Health care workers in crowded hospitals have come closest to serving a stint on the frontlines but can expect little in return beyond cheers and oratory. No families are forced to bid farewell to sons and daughters dispatched to distant battlefields. Beyond the trifling nuisance of mask-wearing, our daily experiences have been segmented by class and occupation rather than widely shared.

A pandemic that doesn’t kill nearly enough of us to boost the value of labour and doesn’t put nations on an actual wartime footing isn’t going to turn into a great leveller. But what if multiple lesser shocks gradually build up pressure for change? The coronavirus crisis may well amplify the fallout from the Great Recession. At the time, the unpalatable mix of generous bailouts of the banking system, higher unemployment and austerity measures reminded the public that income and wealth inequality had been rising for decades.
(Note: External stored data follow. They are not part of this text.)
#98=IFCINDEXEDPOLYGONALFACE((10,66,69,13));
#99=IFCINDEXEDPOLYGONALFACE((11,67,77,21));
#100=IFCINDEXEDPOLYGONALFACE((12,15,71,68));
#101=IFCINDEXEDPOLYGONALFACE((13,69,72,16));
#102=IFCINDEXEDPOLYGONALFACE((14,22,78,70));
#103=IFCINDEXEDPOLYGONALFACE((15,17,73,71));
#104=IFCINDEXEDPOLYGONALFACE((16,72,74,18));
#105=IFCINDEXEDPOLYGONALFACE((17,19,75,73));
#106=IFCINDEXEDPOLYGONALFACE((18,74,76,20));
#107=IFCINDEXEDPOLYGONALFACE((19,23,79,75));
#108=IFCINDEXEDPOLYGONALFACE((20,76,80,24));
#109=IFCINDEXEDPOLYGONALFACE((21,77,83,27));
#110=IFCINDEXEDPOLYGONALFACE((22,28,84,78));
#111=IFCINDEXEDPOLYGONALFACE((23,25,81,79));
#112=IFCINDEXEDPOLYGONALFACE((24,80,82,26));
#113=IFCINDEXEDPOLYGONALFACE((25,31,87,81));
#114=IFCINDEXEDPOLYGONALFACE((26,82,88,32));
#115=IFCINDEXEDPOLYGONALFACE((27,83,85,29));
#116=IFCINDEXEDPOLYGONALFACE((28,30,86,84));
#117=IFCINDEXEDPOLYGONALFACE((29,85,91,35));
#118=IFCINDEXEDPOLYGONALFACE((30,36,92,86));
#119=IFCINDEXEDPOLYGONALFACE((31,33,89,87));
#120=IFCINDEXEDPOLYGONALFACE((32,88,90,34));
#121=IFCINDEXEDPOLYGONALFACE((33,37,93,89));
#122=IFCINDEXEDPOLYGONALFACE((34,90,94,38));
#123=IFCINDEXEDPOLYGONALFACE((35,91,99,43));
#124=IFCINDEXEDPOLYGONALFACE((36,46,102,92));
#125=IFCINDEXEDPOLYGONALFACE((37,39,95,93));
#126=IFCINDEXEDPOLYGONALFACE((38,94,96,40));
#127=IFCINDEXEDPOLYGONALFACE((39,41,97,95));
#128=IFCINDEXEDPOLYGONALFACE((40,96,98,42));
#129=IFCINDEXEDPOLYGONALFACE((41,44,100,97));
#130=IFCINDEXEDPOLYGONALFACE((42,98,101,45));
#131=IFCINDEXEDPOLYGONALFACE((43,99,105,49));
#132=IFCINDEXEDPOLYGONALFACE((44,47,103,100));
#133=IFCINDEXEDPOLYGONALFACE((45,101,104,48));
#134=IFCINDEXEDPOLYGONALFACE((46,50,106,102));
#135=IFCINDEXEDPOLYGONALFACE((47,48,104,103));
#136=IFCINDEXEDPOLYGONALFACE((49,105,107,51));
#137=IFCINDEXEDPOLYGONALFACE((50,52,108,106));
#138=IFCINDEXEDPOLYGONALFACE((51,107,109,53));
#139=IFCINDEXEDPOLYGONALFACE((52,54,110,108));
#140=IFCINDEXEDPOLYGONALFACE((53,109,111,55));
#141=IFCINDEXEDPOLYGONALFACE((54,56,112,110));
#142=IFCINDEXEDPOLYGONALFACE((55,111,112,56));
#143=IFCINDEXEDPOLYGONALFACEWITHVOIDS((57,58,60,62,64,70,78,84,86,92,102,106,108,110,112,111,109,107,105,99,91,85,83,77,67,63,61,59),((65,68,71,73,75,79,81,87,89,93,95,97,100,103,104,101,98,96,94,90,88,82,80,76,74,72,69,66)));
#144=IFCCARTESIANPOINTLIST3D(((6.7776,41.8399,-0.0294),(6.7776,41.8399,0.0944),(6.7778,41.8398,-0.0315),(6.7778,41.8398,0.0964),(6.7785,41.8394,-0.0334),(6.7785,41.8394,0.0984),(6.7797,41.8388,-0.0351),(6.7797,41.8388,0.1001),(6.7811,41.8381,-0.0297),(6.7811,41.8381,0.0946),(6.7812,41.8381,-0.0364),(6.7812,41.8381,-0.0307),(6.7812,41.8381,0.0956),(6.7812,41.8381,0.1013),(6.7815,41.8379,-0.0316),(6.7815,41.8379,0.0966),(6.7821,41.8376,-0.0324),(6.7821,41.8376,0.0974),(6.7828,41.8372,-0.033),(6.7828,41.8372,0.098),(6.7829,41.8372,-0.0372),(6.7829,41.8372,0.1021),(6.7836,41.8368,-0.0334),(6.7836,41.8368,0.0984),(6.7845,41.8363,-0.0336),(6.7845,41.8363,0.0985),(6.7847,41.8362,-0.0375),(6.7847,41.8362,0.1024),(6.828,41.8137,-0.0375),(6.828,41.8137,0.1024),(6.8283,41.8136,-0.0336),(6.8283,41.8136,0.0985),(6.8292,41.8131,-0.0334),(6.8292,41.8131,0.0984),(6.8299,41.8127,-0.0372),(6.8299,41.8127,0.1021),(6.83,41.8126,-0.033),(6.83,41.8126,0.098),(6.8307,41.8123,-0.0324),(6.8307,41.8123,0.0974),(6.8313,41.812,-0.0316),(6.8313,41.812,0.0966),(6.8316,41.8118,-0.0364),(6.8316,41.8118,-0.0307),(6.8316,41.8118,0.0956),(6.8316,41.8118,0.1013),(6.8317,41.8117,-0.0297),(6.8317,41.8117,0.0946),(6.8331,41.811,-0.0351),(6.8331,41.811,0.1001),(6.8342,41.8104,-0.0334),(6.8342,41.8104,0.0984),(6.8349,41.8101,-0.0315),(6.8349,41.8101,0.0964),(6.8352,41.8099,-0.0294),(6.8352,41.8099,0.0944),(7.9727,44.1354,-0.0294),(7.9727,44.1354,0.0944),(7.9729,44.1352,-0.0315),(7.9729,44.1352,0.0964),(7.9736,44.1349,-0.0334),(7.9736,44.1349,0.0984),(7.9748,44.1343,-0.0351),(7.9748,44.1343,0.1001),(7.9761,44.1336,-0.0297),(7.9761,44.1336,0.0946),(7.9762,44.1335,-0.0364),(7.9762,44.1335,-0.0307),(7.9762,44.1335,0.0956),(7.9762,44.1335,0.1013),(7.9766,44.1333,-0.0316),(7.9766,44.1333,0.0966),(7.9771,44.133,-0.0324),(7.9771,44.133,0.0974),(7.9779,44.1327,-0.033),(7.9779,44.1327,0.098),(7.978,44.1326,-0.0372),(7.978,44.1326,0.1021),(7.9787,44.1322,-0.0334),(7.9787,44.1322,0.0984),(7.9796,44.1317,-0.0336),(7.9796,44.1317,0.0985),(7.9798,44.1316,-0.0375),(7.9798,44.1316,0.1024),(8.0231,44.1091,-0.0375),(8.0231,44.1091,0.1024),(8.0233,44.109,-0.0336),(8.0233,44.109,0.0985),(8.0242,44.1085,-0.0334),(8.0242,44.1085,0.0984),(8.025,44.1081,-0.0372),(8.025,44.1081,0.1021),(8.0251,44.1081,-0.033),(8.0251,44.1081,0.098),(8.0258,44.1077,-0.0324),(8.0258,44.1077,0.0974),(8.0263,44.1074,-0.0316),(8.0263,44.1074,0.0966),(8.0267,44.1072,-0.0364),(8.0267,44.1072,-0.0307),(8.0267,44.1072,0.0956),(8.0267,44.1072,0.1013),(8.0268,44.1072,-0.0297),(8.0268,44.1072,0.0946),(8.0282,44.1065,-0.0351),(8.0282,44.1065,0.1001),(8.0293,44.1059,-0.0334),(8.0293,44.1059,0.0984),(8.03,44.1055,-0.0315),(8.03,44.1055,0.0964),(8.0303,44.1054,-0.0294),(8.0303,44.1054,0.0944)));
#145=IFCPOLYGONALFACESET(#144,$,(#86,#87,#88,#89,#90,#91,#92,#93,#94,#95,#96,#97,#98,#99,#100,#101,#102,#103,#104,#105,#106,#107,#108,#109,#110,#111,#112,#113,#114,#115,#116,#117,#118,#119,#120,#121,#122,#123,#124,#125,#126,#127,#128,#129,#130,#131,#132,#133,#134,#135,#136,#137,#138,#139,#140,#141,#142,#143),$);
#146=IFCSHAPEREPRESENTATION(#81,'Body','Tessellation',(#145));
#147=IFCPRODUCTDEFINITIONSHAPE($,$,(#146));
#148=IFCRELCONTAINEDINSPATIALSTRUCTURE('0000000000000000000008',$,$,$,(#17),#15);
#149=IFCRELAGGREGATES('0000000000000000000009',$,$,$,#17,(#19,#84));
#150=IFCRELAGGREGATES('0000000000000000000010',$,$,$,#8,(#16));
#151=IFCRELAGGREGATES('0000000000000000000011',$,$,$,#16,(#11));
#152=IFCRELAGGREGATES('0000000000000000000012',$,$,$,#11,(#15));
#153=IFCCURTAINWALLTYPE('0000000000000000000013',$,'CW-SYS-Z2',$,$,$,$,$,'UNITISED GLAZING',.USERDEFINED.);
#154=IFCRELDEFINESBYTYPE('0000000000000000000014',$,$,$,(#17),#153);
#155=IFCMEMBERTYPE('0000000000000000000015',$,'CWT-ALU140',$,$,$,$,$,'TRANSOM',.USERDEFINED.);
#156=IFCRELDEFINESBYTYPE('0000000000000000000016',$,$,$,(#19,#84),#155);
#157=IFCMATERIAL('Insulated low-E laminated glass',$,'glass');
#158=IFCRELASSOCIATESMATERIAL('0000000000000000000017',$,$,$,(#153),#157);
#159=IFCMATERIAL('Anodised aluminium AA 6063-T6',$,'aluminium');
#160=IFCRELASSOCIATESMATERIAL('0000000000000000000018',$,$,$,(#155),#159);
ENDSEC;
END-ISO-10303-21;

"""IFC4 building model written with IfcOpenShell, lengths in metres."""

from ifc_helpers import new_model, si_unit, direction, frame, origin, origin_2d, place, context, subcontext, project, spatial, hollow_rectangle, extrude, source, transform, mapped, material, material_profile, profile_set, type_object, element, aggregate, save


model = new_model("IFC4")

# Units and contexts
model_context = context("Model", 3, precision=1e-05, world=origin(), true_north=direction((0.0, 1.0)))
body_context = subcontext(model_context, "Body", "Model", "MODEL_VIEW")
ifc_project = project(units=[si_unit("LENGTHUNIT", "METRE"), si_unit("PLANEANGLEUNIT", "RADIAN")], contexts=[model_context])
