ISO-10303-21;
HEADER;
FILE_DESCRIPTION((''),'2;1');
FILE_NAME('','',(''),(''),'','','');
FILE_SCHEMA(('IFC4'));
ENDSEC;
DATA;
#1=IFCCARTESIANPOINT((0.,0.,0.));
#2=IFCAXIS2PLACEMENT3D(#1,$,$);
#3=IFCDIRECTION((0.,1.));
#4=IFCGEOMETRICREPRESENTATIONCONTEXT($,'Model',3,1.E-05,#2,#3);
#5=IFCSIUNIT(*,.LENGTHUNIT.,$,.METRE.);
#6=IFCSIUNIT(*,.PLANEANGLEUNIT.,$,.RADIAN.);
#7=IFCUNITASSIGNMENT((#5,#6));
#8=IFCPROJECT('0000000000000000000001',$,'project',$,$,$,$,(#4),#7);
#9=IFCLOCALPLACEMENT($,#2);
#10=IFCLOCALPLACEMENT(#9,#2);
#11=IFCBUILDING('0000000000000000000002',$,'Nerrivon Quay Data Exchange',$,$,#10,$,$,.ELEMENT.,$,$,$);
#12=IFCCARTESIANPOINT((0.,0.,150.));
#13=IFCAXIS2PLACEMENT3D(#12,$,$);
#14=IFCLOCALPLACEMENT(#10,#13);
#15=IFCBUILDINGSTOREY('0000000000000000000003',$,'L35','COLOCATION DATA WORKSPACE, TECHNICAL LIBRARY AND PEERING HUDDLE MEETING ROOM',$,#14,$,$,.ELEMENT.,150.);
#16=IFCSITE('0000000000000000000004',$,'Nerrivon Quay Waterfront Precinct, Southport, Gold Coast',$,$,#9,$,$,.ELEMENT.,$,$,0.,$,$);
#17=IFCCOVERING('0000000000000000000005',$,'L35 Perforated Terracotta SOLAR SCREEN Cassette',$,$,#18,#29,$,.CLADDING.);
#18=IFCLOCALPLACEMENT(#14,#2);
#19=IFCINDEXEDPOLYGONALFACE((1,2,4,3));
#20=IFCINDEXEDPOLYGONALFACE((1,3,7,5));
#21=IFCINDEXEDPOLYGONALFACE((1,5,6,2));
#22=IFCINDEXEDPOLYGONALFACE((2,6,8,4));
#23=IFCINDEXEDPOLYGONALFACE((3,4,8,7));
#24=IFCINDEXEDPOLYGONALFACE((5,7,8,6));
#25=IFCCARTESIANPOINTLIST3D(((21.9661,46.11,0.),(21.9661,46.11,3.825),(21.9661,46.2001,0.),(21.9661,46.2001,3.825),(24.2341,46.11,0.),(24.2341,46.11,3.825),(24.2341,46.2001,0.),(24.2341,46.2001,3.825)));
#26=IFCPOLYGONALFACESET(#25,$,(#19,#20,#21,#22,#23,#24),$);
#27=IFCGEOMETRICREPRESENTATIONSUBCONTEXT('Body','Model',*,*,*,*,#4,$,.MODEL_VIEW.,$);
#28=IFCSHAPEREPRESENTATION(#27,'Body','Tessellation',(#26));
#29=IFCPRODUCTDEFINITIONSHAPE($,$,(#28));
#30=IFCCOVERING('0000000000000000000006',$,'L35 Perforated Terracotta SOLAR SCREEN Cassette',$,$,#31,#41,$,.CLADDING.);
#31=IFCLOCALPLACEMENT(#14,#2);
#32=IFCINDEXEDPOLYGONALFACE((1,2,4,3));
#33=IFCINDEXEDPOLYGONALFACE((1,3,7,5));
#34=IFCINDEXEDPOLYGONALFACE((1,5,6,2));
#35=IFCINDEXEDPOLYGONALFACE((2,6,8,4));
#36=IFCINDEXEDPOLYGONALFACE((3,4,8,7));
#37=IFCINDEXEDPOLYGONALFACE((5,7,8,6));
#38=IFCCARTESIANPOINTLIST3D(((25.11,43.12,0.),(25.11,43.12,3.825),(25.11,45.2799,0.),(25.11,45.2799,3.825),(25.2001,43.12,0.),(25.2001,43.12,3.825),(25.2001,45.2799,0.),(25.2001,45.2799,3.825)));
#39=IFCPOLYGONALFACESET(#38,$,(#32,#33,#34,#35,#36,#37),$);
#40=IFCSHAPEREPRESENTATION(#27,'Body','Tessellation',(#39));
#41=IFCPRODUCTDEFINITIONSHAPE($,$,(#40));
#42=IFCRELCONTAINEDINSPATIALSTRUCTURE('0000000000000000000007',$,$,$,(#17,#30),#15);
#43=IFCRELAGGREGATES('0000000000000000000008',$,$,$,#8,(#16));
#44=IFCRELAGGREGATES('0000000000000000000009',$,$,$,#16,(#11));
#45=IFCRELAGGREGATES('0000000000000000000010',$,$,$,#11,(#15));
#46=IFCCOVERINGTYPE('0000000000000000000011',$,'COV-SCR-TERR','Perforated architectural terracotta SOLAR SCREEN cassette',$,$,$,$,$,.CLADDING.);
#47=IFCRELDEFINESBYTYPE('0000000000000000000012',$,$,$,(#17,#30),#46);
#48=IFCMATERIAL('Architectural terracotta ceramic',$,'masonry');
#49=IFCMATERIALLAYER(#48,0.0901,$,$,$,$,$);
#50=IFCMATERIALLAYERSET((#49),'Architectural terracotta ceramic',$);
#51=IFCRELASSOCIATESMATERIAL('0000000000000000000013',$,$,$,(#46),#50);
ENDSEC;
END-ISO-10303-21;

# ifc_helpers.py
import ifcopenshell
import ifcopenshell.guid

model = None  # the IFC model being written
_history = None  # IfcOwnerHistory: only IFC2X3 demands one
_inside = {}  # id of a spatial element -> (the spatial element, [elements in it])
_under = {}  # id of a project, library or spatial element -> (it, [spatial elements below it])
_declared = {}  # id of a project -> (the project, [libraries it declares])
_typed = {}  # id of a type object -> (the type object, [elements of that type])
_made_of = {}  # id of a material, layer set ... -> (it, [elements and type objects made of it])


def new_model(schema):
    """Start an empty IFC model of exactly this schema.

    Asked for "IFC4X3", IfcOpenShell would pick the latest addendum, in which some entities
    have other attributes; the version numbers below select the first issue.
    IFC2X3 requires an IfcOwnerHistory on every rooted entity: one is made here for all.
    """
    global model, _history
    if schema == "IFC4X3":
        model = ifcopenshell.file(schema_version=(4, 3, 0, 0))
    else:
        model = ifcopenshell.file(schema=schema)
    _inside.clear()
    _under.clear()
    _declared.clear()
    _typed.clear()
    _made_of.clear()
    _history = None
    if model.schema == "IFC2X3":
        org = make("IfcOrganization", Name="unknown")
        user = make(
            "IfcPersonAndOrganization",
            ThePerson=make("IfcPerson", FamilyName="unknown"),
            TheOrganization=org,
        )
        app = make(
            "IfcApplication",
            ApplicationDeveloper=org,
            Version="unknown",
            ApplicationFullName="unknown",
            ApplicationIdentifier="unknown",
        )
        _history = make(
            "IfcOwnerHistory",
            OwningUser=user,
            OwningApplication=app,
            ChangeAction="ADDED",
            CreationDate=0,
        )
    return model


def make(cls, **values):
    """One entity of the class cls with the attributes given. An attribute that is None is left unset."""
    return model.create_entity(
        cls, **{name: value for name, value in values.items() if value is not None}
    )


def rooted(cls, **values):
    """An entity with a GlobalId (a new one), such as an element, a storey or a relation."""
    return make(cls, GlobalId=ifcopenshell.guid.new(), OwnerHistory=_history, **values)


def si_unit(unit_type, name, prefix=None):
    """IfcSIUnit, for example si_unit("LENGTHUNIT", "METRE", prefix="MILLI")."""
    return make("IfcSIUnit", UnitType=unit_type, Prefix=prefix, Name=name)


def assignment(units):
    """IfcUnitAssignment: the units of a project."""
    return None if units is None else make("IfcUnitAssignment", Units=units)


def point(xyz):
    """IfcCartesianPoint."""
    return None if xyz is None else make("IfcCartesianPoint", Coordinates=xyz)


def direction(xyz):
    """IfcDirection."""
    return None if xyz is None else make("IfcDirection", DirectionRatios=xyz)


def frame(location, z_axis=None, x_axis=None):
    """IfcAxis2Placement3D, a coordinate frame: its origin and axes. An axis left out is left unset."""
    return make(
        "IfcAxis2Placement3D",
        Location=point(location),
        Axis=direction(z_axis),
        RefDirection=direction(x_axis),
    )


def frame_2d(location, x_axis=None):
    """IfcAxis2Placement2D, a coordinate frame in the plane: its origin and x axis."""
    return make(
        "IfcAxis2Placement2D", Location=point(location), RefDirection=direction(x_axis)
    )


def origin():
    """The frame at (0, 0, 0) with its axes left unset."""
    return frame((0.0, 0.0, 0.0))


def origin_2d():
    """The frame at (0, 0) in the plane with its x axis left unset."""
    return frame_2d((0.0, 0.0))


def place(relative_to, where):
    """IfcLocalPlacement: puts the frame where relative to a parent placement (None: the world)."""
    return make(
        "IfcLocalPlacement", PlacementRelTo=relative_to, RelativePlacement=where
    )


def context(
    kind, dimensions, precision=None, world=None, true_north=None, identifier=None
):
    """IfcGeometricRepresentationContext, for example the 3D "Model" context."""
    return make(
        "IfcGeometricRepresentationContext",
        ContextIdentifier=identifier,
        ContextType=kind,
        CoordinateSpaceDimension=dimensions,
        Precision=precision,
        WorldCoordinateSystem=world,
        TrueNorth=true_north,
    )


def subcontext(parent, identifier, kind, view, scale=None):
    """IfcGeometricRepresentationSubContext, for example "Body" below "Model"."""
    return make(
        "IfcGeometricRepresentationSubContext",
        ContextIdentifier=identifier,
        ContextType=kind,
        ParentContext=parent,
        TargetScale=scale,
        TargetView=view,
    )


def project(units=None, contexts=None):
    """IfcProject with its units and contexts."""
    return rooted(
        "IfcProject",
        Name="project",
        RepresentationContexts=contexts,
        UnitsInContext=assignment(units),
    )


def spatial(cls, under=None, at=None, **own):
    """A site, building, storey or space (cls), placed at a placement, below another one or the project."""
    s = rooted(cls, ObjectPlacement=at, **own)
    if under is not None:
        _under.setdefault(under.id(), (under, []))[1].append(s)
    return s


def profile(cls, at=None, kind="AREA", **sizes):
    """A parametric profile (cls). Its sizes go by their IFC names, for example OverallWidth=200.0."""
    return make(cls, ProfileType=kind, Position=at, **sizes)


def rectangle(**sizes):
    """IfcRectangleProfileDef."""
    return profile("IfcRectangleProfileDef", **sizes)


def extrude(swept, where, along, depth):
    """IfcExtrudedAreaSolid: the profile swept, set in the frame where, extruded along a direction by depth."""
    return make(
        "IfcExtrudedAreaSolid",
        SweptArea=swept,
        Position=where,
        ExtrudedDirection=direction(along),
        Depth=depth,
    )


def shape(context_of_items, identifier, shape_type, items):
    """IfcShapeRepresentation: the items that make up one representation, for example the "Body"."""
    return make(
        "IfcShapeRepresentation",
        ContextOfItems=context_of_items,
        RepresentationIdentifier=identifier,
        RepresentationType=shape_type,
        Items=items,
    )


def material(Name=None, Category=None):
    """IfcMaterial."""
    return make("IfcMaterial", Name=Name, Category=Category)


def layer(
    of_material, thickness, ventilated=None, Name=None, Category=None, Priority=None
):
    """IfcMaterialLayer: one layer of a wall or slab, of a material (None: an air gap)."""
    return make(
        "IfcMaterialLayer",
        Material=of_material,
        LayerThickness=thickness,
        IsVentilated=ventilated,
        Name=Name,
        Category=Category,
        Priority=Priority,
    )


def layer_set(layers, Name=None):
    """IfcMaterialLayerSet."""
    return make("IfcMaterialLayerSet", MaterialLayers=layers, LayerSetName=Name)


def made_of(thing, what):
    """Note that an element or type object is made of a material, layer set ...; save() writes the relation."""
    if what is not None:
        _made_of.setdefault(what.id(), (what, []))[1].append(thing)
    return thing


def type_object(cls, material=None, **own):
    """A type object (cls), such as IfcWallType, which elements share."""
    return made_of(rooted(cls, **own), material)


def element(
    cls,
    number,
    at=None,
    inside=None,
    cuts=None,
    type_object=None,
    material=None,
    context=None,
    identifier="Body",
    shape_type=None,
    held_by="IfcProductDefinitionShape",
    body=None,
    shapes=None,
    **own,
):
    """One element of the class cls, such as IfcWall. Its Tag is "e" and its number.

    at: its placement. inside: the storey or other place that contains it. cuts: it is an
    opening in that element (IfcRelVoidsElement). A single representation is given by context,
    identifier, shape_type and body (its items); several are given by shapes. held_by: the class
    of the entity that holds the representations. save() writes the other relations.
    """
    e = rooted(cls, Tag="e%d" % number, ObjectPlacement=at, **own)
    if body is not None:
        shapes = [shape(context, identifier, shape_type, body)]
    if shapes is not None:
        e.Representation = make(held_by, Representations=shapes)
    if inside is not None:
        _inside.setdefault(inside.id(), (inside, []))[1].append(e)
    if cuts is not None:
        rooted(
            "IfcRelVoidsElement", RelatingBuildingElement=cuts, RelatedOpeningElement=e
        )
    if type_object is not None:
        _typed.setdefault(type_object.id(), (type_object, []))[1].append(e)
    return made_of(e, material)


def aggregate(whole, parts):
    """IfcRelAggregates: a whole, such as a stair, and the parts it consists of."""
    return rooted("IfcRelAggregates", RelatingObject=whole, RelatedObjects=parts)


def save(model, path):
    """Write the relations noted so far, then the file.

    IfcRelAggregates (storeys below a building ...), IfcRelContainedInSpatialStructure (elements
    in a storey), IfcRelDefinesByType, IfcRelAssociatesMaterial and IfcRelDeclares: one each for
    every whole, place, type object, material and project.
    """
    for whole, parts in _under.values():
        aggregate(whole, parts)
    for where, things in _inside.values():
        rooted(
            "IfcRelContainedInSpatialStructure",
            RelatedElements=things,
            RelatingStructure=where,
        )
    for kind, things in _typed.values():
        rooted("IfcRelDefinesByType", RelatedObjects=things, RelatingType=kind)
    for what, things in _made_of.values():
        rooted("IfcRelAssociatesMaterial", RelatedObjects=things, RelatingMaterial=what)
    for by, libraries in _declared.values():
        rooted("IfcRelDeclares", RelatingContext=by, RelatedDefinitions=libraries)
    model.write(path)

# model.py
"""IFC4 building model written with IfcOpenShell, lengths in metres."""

from ifc_helpers import new_model, si_unit, direction, frame, origin, origin_2d, place, context, subcontext, project, spatial, rectangle, extrude, material, layer, layer_set, type_object, element, save


model = new_model("IFC4")

# Units and contexts
model_context = context("Model", 3, precision=1e-05, world=origin(), true_north=direction((0.0, 1.0)))
body_context = subcontext(model_context, "Body", "Model", "MODEL_VIEW")
ifc_project = project(units=[si_unit("LENGTHUNIT", "METRE"), si_unit("PLANEANGLEUNIT", "RADIAN")], contexts=[model_context])

# Site, building, storey
site_placement = place(None, origin())
site = spatial("IfcSite", under=ifc_project, at=site_placement, Name="Nerrivon Quay Waterfront Precinct, Southport, Gold Coast", CompositionType="ELEMENT", RefElevation=0.0)
building_placement = place(site_placement, origin())
building = spatial("IfcBuilding", under=site, at=building_placement, Name="Nerrivon Quay Data Exchange", CompositionType="ELEMENT")
storey_placement = place(building_placement, frame((0.0, 0.0, 150.0)))
storey = spatial("IfcBuildingStorey", under=building, at=storey_placement, Name="L35", Description="COLOCATION DATA WORKSPACE, TECHNICAL LIBRARY AND PEERING HUDDLE MEETING ROOM", CompositionType="ELEMENT", Elevation=150.0)

# Coverings
ifc_material_1 = material(Name="Architectural terracotta ceramic", Category="masonry")
ifc_layer_1 = layer(ifc_material_1, 0.0901)
ifc_layer_set_1 = layer_set([ifc_layer_1], Name="Architectural terracotta ceramic")
covering_type = type_object("IfcCoveringType", Name="COV-SCR-TERR", Description="Perforated architectural terracotta SOLAR SCREEN cassette", PredefinedType="CLADDING", material=ifc_layer_set_1)
for number, where, z_axis, x_axis, name in (
    (1, (23.1001, 46.155, 0.0), (0.0, 0.0, 1.0), (1.0, 0.0, 0.0), "L35 Perforated Terracotta SOLAR SCREEN Cassette"),
):
    element("IfcCovering", number, at=place(storey_placement, frame(where, z_axis=z_axis, x_axis=x_axis)), inside=storey, type_object=covering_type, Name=name, PredefinedType="CLADDING", context=body_context, shape_type="SweptSolid", body=[
        extrude(rectangle(XDim=2.2681, YDim=0.0901, at=origin_2d()), origin(), (0.0, 0.0, 1.0), 3.825),
    ])
covering_1_placement = place(storey_placement, frame((25.155, 44.2, 0.0), z_axis=(0.0, 0.0, 1.0), x_axis=(0.0, -1.0, 0.0)))
element("IfcCovering", 2, at=covering_1_placement, inside=storey, type_object=covering_type, Name="L35 Perforated Terracotta SOLAR SCREEN Cassette", PredefinedType="CLADDING", context=body_context, shape_type="SweptSolid", body=[
    extrude(rectangle(XDim=2.1599, YDim=0.0901, at=origin_2d()), origin(), (0.0, 0.0, 1.0), 3.825),
])

save(model, "model.ifc")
This trend has been a hot topic ever since, animating the campaigns of Jean-Luc Mélenchon, Jeremy Corbyn and Bernie Sanders, even if often with limited success.

By generating renewed misery, the Great Lockdown has the potential of moving the needle further toward progressive reform. Yet for now, the odds are poor: witness the recent ascent of more centrist leaders on the American and British Left. If interventions by governments and central banks once again succeed in warding off a global depression, just as they did in 2008, and if science and the pharmaceutical industry manage to deliver effective treatments and vaccines before large sectors of the economy are slowly suffocated by prolonged uncertainty and renewed viral flare-ups, the status quo ought to survive largely intact. If anything, society might end up even more polarised than before—perhaps setting it up for a big fall down the line, but not quite yet.

Judging from past experience, genuine levelling requires a much bleaker script. Imagine a world in which unexpected delays in medical countermeasures or an extended economic meltdown cause standard policies from quantitative easing to short-term patches for businesses and workers to run out of steam. Propelled by growing misery and discontent, interventions that now seem radical might seem desirable, perhaps even necessary.

It is worth remembering that during the Great Depression, even the resolutely anti-socialist US embraced expansions of the safety net, public work programmes, stronger labour unions and higher taxes. Comparable dislocations in the coming months and years might open up space for measures that rein in plutocrats and give succour to those previously left behind. As a result, the long rise of inequality might finally go into reverse.

All this would be a far cry from the dramatic levelling events of the past, from the fall of the Roman Empire and the Black Death to the violent ruptures of the first half of the 20th century. Yet even this comparatively tame scenario seems like a long shot. It is not merely that elites don’t readily cede power and their current interventions are primarily designed to ensure a return to business as usual. Science will play an even greater role in obstructing social justice. Much as we like to think of science and technology as tireless drivers of continuous change, in this case they are much more likely to buttress the status quo.

The faster the combined efforts of laboratories, research hospitals and vaccine manufacturers deliver us from this pandemic, the sooner strains on the neoliberal world order will abate. Chinese researchers published the genome of SARS-Cov-2 only five weeks after the first suspected case was reported. By now, more than a thousand trials for treatments and vaccines are said to be underway, and vaccine manufacturers are already preparing to scale up future production. With every passing day, the prospect of levelling by catastrophe recedes a little further.

Throughout history, inequality has thrived on stability. Right now, our system’s stabilisers, from central bankers to virologists, are all hands on deck. They may well save the day. And if they do, deliverance from inequality, let alone from the bogeyman of “late capitalism,” will have to be put on hold until a much worse plague rears its ugly head or runaway climate change finally derails our consumerist way of life. Then again, if such disasters were to befall us, narrowing the gap between rich and poor would probably be the least of our concerns.